All three share the same core parameters: asset_key, remote_dir_regex, remote_file_regex, ssh_resource_key, avro_schema, and optionally partitions_def.

Partition key substitution

Named regex groups in remote_dir_regex and remote_file_regex are replaced with partition key dimension values at runtime. For multi-partition assets, each dimension name maps to a named group in the regex.

For example, an asset partitioned by fiscal_year with remote_dir_regex = r"/reports/(?P<fiscal_year>\d{4})/" resolves the directory to /reports/2026/ when materializing the 2026 partition.

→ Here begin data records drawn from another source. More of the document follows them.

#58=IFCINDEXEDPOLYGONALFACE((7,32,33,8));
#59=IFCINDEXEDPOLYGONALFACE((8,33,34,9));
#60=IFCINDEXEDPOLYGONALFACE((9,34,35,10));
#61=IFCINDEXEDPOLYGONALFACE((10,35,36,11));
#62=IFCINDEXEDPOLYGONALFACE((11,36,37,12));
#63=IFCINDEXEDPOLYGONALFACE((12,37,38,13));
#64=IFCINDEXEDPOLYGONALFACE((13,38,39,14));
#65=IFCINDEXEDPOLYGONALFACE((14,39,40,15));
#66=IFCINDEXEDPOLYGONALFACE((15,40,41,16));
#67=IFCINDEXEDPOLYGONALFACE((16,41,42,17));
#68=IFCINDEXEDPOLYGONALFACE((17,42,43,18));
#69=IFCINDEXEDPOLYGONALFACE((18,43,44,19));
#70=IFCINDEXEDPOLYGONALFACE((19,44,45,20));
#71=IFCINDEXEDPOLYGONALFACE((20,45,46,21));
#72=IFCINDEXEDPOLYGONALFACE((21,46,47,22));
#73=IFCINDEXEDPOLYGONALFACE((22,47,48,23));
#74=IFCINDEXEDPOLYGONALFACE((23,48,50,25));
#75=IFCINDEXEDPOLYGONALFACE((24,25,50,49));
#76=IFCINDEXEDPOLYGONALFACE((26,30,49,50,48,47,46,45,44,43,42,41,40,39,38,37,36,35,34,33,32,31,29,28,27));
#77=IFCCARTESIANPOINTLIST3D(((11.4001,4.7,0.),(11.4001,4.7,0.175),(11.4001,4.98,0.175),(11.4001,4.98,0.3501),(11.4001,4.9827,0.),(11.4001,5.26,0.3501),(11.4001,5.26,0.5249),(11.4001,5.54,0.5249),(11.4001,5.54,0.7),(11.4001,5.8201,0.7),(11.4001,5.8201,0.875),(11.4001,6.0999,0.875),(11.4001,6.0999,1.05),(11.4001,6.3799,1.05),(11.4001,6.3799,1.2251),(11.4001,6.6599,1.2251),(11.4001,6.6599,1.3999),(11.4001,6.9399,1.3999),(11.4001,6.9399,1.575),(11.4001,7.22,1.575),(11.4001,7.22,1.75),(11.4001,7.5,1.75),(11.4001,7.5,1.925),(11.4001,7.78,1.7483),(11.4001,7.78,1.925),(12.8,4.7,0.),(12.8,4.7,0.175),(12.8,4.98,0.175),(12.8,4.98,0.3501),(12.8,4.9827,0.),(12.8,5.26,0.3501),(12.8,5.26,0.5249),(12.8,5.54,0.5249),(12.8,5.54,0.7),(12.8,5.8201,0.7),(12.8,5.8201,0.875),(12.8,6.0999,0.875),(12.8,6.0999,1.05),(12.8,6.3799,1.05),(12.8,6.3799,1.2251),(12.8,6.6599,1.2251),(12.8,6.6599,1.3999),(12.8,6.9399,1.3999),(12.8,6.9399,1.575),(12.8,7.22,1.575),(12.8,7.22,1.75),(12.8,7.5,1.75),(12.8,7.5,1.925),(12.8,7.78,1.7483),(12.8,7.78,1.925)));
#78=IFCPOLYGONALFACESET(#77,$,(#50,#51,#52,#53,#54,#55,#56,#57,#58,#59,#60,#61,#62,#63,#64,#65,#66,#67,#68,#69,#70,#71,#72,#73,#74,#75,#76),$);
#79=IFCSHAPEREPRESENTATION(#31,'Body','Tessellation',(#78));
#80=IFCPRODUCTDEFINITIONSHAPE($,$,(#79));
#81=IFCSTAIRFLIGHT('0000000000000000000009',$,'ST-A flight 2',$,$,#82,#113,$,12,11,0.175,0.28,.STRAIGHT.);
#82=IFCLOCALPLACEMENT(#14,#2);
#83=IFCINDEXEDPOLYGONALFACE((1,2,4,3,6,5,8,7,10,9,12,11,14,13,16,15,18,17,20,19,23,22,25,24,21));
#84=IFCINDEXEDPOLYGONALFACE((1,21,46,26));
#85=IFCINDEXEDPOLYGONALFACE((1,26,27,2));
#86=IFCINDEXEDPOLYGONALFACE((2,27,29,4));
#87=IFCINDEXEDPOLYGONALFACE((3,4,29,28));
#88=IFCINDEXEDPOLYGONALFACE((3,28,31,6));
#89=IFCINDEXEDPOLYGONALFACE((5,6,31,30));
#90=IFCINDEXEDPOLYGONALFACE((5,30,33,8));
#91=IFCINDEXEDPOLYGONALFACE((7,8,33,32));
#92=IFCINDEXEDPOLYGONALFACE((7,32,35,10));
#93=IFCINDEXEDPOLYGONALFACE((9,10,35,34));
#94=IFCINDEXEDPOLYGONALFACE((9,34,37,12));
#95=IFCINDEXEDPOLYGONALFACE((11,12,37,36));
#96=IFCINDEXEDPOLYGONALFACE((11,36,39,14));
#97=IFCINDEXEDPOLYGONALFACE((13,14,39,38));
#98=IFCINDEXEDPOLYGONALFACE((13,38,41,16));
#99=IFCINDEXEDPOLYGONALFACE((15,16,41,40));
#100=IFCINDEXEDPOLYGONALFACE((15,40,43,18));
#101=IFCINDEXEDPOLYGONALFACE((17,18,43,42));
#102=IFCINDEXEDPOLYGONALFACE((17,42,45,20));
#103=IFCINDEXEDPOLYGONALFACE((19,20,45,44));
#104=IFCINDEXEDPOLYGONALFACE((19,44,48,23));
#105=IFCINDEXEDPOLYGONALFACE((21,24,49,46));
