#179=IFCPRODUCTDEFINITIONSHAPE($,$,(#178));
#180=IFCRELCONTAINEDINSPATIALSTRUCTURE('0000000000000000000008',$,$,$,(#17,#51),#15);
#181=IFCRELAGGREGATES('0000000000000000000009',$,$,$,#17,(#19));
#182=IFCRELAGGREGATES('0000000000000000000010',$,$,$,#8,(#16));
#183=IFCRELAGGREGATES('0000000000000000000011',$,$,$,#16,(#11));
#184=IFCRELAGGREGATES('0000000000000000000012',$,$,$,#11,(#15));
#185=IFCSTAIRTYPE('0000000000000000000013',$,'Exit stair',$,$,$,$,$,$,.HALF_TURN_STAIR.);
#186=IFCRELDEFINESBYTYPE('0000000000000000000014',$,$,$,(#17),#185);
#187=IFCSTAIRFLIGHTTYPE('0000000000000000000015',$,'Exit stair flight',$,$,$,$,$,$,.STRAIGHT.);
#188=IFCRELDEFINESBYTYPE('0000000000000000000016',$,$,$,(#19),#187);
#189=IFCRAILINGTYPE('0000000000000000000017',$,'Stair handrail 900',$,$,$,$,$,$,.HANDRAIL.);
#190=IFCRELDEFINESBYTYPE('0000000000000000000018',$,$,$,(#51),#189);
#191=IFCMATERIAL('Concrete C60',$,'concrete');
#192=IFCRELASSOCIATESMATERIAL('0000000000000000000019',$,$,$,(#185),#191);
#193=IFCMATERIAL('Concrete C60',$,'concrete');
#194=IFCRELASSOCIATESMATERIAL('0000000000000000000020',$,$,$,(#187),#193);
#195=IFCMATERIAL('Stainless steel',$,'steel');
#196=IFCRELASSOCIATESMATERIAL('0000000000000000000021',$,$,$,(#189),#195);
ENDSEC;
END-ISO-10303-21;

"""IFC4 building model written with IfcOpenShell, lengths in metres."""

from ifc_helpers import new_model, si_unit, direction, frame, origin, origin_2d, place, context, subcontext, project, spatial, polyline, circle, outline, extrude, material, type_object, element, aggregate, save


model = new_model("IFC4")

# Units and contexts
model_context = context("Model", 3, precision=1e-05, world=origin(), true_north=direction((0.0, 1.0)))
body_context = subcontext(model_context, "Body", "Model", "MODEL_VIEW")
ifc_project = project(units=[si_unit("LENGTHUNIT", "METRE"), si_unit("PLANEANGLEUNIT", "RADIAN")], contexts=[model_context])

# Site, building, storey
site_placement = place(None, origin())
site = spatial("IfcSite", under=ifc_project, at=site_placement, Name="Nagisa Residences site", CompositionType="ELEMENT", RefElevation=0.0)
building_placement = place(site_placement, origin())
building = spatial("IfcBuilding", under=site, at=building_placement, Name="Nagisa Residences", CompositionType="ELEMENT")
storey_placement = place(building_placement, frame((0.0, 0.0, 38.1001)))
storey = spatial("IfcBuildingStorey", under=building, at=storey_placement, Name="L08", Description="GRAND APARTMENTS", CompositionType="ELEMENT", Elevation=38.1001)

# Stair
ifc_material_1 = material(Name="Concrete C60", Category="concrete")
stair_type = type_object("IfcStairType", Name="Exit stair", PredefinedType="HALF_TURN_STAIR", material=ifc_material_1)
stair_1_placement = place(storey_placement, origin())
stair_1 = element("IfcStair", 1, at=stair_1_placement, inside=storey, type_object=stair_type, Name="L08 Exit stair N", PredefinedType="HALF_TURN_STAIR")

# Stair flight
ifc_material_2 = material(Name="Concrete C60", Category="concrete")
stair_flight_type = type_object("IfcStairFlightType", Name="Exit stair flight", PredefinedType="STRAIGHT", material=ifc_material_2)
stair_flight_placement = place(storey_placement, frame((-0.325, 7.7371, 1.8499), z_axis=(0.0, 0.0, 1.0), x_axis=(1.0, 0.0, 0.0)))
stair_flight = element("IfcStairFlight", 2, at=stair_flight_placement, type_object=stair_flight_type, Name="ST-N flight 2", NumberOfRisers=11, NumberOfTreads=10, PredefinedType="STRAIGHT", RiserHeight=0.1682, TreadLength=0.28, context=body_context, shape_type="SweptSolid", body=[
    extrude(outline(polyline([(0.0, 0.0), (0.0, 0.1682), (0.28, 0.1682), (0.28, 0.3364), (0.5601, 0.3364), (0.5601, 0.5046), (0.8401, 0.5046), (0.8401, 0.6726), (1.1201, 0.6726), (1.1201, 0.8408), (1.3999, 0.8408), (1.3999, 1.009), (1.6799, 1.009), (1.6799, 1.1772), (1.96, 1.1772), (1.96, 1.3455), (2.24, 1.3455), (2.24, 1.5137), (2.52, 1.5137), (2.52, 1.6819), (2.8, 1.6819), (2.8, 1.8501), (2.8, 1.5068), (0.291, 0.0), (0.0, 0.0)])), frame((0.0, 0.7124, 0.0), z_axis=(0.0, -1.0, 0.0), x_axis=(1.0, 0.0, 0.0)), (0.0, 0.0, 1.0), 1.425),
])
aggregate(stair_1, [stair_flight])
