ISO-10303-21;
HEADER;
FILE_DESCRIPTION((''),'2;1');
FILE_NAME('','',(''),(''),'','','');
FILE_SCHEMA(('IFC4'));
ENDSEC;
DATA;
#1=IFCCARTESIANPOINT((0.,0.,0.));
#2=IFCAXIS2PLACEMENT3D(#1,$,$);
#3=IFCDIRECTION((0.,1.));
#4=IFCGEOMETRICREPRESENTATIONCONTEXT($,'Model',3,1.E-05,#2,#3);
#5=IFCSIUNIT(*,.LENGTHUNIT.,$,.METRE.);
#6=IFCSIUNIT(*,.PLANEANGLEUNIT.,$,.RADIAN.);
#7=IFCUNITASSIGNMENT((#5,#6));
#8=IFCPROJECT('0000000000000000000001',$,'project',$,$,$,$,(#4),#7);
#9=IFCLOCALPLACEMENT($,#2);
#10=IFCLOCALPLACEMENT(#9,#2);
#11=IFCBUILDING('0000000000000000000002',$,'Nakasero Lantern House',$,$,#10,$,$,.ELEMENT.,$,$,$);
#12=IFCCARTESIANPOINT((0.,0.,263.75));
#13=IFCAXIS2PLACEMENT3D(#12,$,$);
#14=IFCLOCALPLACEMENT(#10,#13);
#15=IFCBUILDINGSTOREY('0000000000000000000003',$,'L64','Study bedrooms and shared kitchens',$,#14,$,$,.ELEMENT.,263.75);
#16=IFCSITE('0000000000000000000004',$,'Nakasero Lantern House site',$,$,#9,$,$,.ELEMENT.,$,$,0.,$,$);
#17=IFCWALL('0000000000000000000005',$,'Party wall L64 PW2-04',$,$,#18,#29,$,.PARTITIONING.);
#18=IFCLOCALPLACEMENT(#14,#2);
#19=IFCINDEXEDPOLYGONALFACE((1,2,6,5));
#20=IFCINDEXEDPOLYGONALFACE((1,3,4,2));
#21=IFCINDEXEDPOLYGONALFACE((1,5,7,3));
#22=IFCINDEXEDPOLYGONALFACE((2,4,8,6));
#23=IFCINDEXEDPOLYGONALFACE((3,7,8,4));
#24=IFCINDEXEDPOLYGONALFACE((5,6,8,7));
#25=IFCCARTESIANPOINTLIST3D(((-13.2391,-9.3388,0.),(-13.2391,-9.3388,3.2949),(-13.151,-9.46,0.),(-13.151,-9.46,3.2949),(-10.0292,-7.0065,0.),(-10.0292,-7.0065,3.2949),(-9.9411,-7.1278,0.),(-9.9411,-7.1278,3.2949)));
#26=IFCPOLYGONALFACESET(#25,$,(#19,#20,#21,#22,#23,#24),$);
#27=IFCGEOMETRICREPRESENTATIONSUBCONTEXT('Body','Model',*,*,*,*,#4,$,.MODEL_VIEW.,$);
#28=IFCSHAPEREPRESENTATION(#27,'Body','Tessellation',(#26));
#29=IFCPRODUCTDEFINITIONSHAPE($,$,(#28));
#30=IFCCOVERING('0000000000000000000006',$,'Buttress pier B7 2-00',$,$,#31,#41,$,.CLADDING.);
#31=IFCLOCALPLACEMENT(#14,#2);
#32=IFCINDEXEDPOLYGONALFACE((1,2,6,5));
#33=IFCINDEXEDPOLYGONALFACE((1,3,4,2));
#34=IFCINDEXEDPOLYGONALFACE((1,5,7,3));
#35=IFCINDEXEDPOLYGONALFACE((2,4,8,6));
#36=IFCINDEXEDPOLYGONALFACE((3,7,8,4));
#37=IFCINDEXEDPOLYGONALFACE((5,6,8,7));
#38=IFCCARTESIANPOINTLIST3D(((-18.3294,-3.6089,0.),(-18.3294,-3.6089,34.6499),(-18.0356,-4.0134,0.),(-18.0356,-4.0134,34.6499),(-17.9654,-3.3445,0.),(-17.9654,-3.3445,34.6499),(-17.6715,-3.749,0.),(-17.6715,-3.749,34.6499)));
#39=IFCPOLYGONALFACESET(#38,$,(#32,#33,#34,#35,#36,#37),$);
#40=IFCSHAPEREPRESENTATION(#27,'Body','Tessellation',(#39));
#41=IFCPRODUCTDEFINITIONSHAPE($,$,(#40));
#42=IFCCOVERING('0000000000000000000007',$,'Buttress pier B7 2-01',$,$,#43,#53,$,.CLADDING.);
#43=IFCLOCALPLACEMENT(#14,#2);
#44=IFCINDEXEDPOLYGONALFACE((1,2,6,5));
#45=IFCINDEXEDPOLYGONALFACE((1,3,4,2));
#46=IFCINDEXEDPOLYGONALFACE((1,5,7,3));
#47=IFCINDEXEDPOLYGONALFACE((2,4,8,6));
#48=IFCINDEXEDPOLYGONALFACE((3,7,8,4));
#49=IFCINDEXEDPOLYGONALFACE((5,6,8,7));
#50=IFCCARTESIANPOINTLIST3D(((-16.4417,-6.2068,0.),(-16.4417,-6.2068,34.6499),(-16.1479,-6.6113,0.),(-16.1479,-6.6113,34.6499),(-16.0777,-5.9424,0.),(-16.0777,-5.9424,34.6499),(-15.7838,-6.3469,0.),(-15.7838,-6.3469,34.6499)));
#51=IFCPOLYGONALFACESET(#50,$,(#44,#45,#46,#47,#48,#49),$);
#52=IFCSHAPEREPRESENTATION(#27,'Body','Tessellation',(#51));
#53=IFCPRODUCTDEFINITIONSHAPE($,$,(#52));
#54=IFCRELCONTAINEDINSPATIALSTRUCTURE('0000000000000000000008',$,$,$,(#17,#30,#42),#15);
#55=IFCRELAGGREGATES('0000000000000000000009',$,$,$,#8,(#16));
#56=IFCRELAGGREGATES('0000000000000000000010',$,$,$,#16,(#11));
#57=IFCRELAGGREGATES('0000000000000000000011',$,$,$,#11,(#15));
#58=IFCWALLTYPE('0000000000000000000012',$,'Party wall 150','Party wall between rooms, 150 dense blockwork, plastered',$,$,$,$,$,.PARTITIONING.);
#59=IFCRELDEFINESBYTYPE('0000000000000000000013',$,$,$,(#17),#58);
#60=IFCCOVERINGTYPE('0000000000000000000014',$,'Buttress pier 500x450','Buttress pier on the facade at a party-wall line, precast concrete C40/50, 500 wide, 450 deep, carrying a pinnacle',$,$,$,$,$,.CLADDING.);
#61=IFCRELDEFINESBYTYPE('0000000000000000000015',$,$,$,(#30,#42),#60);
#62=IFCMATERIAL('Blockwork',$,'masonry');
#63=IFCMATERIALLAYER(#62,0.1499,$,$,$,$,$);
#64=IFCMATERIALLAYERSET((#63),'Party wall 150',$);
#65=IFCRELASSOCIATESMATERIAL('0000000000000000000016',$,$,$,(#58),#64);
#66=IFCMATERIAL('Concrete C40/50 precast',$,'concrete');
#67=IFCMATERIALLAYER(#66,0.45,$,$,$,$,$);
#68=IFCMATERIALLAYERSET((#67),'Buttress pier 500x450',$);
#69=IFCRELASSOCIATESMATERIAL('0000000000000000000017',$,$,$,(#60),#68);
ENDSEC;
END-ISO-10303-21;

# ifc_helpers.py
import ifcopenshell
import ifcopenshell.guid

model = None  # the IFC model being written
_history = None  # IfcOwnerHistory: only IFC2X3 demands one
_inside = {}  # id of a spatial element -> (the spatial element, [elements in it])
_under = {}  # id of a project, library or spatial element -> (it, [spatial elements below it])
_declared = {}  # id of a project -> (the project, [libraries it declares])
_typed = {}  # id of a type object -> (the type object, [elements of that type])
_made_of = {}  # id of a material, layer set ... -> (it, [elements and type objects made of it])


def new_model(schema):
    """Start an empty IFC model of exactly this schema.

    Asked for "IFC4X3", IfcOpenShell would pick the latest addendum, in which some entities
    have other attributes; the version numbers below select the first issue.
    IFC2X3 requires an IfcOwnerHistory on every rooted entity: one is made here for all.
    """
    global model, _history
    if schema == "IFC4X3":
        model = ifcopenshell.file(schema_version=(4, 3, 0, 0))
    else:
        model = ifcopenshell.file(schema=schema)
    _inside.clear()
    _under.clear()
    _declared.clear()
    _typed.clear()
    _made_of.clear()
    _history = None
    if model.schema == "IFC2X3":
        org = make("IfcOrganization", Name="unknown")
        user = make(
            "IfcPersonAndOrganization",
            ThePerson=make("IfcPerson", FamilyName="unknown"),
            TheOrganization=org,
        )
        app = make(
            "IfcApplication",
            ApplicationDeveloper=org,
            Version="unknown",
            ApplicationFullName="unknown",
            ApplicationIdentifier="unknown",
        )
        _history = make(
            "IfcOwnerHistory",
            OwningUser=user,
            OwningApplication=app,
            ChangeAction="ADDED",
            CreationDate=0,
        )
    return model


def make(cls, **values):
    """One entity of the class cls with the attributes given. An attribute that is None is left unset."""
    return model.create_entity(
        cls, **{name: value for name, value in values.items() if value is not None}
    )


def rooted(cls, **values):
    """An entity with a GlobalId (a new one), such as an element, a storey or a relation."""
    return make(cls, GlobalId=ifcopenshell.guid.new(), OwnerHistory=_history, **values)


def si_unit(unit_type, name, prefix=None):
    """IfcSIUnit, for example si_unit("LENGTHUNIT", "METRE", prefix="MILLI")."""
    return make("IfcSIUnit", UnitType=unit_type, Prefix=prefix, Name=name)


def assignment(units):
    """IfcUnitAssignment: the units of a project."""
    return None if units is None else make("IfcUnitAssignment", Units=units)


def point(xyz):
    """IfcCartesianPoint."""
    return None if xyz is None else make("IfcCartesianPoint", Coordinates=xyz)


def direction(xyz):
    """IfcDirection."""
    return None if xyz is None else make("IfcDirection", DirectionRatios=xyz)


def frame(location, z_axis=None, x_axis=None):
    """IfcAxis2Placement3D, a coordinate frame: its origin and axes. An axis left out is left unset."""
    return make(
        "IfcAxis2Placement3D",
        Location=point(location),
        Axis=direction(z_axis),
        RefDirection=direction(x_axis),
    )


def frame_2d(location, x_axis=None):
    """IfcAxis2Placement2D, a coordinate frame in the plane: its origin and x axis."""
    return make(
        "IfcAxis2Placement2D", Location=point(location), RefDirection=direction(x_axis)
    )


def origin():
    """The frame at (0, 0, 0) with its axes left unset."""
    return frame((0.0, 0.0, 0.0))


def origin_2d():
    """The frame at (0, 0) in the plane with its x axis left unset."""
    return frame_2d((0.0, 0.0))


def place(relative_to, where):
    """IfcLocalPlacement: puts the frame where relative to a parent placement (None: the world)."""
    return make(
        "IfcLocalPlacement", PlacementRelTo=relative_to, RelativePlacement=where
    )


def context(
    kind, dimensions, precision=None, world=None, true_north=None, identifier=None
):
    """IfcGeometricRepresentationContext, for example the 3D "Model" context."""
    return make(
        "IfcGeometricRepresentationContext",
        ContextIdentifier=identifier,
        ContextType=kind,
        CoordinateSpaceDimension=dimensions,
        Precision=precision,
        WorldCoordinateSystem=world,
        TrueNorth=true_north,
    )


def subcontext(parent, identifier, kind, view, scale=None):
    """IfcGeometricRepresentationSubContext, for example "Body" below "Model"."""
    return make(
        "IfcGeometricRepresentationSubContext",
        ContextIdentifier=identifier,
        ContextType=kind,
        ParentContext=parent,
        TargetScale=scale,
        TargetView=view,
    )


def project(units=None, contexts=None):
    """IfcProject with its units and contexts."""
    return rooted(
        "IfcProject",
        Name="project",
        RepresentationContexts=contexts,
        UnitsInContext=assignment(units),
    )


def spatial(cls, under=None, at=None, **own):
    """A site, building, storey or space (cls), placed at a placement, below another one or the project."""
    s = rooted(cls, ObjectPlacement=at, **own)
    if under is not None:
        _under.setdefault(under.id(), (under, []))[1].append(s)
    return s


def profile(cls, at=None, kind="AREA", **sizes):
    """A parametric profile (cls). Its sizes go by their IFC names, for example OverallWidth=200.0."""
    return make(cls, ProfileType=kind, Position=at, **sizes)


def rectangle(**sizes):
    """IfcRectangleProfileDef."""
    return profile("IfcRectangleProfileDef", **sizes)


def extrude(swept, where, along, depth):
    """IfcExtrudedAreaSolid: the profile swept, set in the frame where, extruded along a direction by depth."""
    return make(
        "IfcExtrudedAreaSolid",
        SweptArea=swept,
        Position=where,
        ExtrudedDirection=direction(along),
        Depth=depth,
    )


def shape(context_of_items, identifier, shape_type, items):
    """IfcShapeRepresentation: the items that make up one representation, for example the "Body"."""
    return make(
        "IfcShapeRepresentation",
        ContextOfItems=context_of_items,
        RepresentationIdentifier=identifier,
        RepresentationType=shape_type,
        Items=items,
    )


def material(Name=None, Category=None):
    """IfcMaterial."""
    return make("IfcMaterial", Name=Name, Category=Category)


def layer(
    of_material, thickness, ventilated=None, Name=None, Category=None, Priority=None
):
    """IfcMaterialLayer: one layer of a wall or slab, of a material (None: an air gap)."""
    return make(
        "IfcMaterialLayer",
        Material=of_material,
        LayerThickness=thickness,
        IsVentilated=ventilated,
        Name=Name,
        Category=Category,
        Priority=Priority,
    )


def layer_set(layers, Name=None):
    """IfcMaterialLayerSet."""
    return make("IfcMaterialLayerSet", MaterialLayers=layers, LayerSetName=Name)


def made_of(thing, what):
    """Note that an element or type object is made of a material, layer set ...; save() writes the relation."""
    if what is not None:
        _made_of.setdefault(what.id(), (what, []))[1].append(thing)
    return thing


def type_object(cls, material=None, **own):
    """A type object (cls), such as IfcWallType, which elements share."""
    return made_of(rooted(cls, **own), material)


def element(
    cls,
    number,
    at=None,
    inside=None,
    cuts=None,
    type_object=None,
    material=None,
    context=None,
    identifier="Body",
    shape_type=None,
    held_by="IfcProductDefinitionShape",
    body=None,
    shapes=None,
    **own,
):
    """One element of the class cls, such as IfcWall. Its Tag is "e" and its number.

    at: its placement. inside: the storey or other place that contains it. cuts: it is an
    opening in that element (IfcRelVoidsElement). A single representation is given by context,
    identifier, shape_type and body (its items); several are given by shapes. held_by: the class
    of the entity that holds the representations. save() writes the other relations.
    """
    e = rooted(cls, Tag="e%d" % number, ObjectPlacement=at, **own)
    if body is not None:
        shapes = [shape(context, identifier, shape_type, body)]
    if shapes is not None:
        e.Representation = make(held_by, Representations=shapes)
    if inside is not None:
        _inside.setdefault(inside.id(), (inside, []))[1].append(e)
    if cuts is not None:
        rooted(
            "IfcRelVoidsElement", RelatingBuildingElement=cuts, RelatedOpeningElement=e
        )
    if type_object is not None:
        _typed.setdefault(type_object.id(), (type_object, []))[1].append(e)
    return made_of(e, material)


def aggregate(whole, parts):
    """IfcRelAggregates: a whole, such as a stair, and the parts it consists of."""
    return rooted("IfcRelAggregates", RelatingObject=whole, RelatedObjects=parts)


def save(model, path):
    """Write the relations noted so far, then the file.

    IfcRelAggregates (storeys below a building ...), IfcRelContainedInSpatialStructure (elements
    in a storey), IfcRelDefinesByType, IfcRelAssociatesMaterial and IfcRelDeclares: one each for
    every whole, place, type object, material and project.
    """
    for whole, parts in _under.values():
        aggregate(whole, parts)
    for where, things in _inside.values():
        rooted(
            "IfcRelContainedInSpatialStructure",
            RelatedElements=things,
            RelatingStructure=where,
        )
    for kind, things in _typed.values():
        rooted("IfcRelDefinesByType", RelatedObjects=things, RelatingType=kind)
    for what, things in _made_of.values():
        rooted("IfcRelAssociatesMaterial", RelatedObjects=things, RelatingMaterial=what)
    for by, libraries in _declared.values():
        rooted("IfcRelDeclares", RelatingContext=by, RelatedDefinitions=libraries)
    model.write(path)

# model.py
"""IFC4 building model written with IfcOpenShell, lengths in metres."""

from ifc_helpers import new_model, si_unit, direction, frame, frame_2d, origin, origin_2d, place, context, subcontext, project, spatial, rectangle, extrude, material, layer, layer_set, type_object, element, save


model = new_model("IFC4")

# Units and contexts
model_context = context("Model", 3, precision=1e-05, world=origin(), true_north=direction((0.0, 1.0)))
body_context = subcontext(model_context, "Body", "Model", "MODEL_VIEW")
ifc_project = project(units=[si_unit("LENGTHUNIT", "METRE"), si_unit("PLANEANGLEUNIT", "RADIAN")], contexts=[model_context])

# Site, building, storey
site_placement = place(None, origin())
site = spatial("IfcSite", under=ifc_project, at=site_placement, Name="Nakasero Lantern House site", CompositionType="ELEMENT", RefElevation=0.0)
building_placement = place(site_placement, origin())
building = spatial("IfcBuilding", under=site, at=building_placement, Name="Nakasero Lantern House", CompositionType="ELEMENT")
storey_placement = place(building_placement, frame((0.0, 0.0, 263.75)))
storey = spatial("IfcBuildingStorey", under=building, at=storey_placement, Name="L64", Description="Study bedrooms and shared kitchens", CompositionType="ELEMENT", Elevation=263.75)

Asset checks (Avro schema validation)

Every SFTP and API asset should declare an Avro schema validity check using the two helpers in teamster.core.asset_checks:

from teamster.core.asset_checks import (
    build_check_spec_avro_schema_valid,
    check_avro_schema_valid,
)

# In the factory — declare the check spec alongside the asset
check_specs = [build_check_spec_avro_schema_valid(asset_key)]

# In the asset body — run the check after yielding output
yield check_avro_schema_valid(asset_key, records, avro_schema)

The check warns (does not fail) when records contain fields not present in the Avro schema. This surfaces schema drift in the Dagster UI without blocking downstream assets.